Мотылек порхал так близко от огня, что Синяков даже забеспокоился.
— Осторожней, не обожгись, — предупредил он.
— Это просто невозможно. Неужели ты и впрямь считаешь себя костром?
— Да ну тебя… — обиделся Синяков, очень довольный своим нынешним образом. — Никак не могу привыкнуть к вашим заморочкам.
— И не привыкай. Для этого надо здесь родиться. Да и не следует тебе слишком часто посещать нижний мир. У некоторых потом шизофрения случается. Лучше я сам тебя буду навещать .
— Только предупреждай заранее. А не то я и мухи убить не посмею. Вдруг это окажешься ты?
— Зачем же мне тебя в образе мухи навещать? Я ведь тебя люблю. По-настоящему. И хочу, чтобы ты тоже меня любил.
— В каком смысле? — осторожно поинтересовался Синяков, заподозривший что-то неладное. — Как я должен любить тебя?
— Как мужчина женщину, — с обескураживающей прямотой заявил мотылек, размером своим не превышающий этикетку от спичечной коробки.
— А разве ты женщина? — Не будь Синяков сейчас пламенем, он бы обязательно покраснел.
— Если ты мужчина, я буду женщиной. И наоборот. Однополой любви мы, духи, не признаем… Кстати, а где та красавица, которая сопровождала тебя в прошлый раз?
— Красавица? Хм… — Синяков удивился, однако спорить не стал. — Я и сам не знаю. Сюда мы вместе собирались, но потом я ее из виду потерял.
— Вот так кавалер! Ну тогда лети обратно, ищи ее. Никогда нельзя терять из виду тех, кто тебе дорог.
Синяков и рта не успел открыть, чтобы возразить (если только такое выражение уместно по отношению к ярко полыхавшему костру), как превратился в нечто, похожее на комету, и помчался обратным маршрутом, все увеличивая и увеличивая скорость.

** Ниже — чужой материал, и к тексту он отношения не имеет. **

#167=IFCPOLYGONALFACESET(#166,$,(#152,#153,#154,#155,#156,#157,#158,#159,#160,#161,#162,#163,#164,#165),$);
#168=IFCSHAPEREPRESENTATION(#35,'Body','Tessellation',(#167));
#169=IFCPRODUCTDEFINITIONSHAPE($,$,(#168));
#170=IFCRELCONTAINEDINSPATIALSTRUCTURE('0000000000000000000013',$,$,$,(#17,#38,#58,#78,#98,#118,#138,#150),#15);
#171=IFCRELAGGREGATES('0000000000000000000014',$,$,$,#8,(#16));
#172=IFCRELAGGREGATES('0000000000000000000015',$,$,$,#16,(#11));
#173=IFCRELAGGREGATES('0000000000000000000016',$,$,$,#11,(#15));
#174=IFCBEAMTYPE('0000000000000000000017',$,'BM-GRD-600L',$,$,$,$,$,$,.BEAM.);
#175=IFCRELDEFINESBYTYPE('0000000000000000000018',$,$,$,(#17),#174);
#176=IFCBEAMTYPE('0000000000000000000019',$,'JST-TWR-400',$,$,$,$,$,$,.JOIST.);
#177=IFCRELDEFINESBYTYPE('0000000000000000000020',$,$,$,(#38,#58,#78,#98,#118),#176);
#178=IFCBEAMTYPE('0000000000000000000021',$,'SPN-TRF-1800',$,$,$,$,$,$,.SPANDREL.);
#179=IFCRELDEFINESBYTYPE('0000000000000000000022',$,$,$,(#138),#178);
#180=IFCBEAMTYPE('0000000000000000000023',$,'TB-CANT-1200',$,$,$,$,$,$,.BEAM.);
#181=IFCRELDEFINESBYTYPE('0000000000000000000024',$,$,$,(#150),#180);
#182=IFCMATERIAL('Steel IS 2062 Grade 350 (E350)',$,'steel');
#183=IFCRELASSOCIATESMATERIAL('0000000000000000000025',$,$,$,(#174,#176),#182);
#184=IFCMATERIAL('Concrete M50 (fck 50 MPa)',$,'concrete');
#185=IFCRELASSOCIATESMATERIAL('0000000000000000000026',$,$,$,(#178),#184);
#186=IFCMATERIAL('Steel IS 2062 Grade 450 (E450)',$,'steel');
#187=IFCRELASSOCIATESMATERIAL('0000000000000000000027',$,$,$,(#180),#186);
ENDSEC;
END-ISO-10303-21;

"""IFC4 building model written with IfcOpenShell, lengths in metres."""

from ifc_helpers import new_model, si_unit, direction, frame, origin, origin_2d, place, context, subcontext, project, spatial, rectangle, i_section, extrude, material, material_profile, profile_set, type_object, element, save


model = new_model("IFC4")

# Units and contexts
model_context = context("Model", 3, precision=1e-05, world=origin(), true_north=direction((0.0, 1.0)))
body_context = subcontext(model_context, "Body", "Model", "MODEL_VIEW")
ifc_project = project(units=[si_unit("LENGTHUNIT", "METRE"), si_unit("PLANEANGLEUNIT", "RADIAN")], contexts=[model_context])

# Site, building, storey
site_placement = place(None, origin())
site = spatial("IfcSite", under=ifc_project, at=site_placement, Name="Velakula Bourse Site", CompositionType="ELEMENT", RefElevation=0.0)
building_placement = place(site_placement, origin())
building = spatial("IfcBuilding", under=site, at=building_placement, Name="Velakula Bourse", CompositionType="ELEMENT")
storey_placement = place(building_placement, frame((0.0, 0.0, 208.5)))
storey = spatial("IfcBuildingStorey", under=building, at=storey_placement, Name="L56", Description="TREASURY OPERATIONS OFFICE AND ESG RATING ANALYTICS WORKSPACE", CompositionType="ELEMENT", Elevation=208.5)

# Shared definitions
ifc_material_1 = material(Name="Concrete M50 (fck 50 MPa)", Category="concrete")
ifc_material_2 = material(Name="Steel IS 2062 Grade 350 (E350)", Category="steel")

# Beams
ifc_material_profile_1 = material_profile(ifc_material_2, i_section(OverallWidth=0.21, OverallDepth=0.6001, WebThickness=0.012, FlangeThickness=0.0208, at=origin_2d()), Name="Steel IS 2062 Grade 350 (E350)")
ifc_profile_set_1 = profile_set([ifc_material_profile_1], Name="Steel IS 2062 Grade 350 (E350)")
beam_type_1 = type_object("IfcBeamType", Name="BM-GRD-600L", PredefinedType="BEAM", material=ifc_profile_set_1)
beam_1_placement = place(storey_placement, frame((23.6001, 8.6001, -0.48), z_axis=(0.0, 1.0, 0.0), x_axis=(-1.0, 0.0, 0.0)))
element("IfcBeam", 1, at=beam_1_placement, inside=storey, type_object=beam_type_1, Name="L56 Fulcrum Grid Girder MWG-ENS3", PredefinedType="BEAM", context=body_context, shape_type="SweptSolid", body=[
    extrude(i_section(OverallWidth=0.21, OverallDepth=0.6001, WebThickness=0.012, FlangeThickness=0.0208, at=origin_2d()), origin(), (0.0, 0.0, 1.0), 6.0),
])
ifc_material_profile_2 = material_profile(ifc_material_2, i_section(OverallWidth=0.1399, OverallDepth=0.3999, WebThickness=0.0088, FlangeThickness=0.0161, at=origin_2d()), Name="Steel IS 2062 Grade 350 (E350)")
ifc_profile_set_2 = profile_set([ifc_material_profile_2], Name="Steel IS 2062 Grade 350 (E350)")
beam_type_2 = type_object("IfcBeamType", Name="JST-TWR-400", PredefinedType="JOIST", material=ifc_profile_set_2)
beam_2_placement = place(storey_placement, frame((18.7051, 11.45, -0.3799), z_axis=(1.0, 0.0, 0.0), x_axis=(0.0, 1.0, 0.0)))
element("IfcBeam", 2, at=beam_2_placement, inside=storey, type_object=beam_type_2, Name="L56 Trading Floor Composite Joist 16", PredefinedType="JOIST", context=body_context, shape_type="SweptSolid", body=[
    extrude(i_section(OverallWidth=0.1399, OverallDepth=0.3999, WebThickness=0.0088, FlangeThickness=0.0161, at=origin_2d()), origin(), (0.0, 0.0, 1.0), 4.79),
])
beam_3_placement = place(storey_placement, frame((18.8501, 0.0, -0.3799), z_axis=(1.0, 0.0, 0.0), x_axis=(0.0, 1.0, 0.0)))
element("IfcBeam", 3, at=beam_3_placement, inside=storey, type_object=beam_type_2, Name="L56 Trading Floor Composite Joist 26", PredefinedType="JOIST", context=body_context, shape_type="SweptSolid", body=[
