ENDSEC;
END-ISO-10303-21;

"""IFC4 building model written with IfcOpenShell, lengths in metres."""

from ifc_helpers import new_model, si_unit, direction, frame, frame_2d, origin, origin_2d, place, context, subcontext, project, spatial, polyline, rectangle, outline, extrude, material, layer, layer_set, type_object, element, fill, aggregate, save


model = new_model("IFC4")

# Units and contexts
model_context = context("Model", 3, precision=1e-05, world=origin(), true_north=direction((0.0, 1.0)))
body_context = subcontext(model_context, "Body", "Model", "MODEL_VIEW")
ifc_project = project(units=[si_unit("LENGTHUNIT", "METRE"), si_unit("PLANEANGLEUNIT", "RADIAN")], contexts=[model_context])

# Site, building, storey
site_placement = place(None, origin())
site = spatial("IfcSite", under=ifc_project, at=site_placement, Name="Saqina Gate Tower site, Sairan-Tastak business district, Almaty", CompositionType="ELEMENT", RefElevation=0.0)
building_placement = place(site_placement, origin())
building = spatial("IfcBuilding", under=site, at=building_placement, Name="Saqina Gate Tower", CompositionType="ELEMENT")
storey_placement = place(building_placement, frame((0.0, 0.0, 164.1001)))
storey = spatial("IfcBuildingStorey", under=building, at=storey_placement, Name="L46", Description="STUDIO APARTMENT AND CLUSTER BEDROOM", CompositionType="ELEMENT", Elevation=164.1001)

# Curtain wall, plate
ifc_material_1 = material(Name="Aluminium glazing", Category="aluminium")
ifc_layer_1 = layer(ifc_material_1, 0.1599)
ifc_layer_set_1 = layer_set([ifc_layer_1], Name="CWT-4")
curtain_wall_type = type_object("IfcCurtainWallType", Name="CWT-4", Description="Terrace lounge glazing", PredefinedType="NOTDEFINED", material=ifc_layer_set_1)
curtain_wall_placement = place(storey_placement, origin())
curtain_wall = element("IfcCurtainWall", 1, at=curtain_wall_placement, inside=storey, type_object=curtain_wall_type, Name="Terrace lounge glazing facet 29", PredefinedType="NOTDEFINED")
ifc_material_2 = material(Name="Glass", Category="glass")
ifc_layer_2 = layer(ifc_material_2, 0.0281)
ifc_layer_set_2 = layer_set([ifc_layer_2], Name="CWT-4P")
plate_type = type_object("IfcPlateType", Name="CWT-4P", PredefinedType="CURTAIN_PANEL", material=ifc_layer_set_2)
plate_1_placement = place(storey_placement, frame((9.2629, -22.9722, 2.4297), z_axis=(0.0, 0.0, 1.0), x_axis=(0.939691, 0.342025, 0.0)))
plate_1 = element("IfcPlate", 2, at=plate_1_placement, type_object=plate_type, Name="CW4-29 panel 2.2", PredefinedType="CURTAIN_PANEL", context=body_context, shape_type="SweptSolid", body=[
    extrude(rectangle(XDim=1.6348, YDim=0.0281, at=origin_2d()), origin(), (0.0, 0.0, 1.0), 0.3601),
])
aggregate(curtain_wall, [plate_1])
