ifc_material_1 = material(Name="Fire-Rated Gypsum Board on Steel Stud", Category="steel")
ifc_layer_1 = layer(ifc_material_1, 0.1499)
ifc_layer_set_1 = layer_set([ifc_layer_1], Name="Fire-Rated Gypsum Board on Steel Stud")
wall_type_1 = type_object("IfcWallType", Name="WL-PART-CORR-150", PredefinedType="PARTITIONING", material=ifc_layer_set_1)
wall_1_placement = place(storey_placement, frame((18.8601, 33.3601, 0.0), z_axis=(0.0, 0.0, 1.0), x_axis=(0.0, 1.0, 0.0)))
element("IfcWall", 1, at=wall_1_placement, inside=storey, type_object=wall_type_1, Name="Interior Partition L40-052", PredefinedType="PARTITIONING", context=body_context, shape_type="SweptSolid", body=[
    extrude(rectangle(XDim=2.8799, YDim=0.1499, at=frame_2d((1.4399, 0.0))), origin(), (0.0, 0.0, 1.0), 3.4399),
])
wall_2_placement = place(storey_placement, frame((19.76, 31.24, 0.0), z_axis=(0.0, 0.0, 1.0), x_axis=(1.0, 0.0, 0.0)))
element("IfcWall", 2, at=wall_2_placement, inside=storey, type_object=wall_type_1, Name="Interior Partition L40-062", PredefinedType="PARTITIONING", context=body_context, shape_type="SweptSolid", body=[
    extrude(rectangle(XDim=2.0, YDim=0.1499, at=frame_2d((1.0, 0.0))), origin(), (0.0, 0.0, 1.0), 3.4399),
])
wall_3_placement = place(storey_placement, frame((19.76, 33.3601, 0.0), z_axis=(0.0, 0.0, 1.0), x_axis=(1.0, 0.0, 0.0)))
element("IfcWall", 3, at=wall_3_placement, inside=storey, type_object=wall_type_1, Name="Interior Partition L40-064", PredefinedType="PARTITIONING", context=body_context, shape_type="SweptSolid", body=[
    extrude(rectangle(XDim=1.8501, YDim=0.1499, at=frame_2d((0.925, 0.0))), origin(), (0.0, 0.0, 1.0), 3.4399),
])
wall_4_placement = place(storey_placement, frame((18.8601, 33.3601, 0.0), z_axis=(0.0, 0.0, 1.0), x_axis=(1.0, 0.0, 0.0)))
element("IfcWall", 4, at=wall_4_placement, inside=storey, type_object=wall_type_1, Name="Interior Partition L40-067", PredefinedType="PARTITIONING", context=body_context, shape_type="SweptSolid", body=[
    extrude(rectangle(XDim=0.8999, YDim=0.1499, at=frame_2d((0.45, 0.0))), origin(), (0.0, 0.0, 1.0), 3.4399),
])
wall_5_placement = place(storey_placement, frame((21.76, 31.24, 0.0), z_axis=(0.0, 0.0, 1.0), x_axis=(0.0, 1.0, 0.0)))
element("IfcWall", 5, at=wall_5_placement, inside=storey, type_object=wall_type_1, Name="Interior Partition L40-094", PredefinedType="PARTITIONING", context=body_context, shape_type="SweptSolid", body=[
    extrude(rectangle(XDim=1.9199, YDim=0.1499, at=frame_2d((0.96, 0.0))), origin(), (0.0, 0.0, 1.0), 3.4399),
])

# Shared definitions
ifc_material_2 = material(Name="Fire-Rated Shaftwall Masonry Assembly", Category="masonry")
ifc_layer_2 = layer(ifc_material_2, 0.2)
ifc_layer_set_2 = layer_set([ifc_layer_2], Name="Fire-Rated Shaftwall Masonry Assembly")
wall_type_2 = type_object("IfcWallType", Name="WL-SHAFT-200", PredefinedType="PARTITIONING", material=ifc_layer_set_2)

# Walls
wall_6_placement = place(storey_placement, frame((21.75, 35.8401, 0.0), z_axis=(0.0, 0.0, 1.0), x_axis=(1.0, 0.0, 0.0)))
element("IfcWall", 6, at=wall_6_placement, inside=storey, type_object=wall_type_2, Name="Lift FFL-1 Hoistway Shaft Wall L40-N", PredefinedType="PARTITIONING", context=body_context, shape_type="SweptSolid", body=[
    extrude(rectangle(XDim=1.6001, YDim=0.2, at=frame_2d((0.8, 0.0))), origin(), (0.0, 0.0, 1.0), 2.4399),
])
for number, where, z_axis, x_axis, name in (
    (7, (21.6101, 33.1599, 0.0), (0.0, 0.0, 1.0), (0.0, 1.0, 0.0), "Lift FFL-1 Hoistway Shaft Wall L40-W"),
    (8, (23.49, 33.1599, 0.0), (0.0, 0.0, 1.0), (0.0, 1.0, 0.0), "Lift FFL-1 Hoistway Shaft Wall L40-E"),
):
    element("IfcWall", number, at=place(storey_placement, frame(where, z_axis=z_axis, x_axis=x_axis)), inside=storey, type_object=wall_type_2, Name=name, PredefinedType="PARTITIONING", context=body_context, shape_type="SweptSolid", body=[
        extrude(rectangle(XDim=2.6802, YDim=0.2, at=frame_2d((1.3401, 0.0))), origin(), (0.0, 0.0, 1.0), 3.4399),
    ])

И что интересно, мотылек, не отставая, летел рядом. Его размеры росли на глазах, а сам он, оставаясь по-прежнему грациозным (чужеродно-грациозным), мало-помалу приобретал сходство с человеком.
Падая обратно в постель, застеленную серенькой ситцевой простыней. Синяков в первое мгновение испугался, что станет причиной еще одного нешуточного пожара, и, только увидев босые ступни своих ног (перед путешествием в нижний мир он не удосужился надеть носки), понял, что прибыл обратно не огненным дождем, а обычным человеком из крови и плоти, даже без признака ожогов.
Вот только потолок в квартире слегка закоптился да явственно пахло паленым, но это могли быть результаты горения шаманского порошка.
Дашка, как будто бы давно ожидавшая его, вскрикнула: «Я люблю тебя!» (голос был ее, но интонация — чужой) и как бешеная кошка набросилась на Синякова, не готового ни к отпору, ни к содействию. Конечно, человек, пребывающий в такой степени экстаза, не очень обращает внимание на свою внешность, однако Синякова поразило, как похорошела Дашка за время их краткого расставания.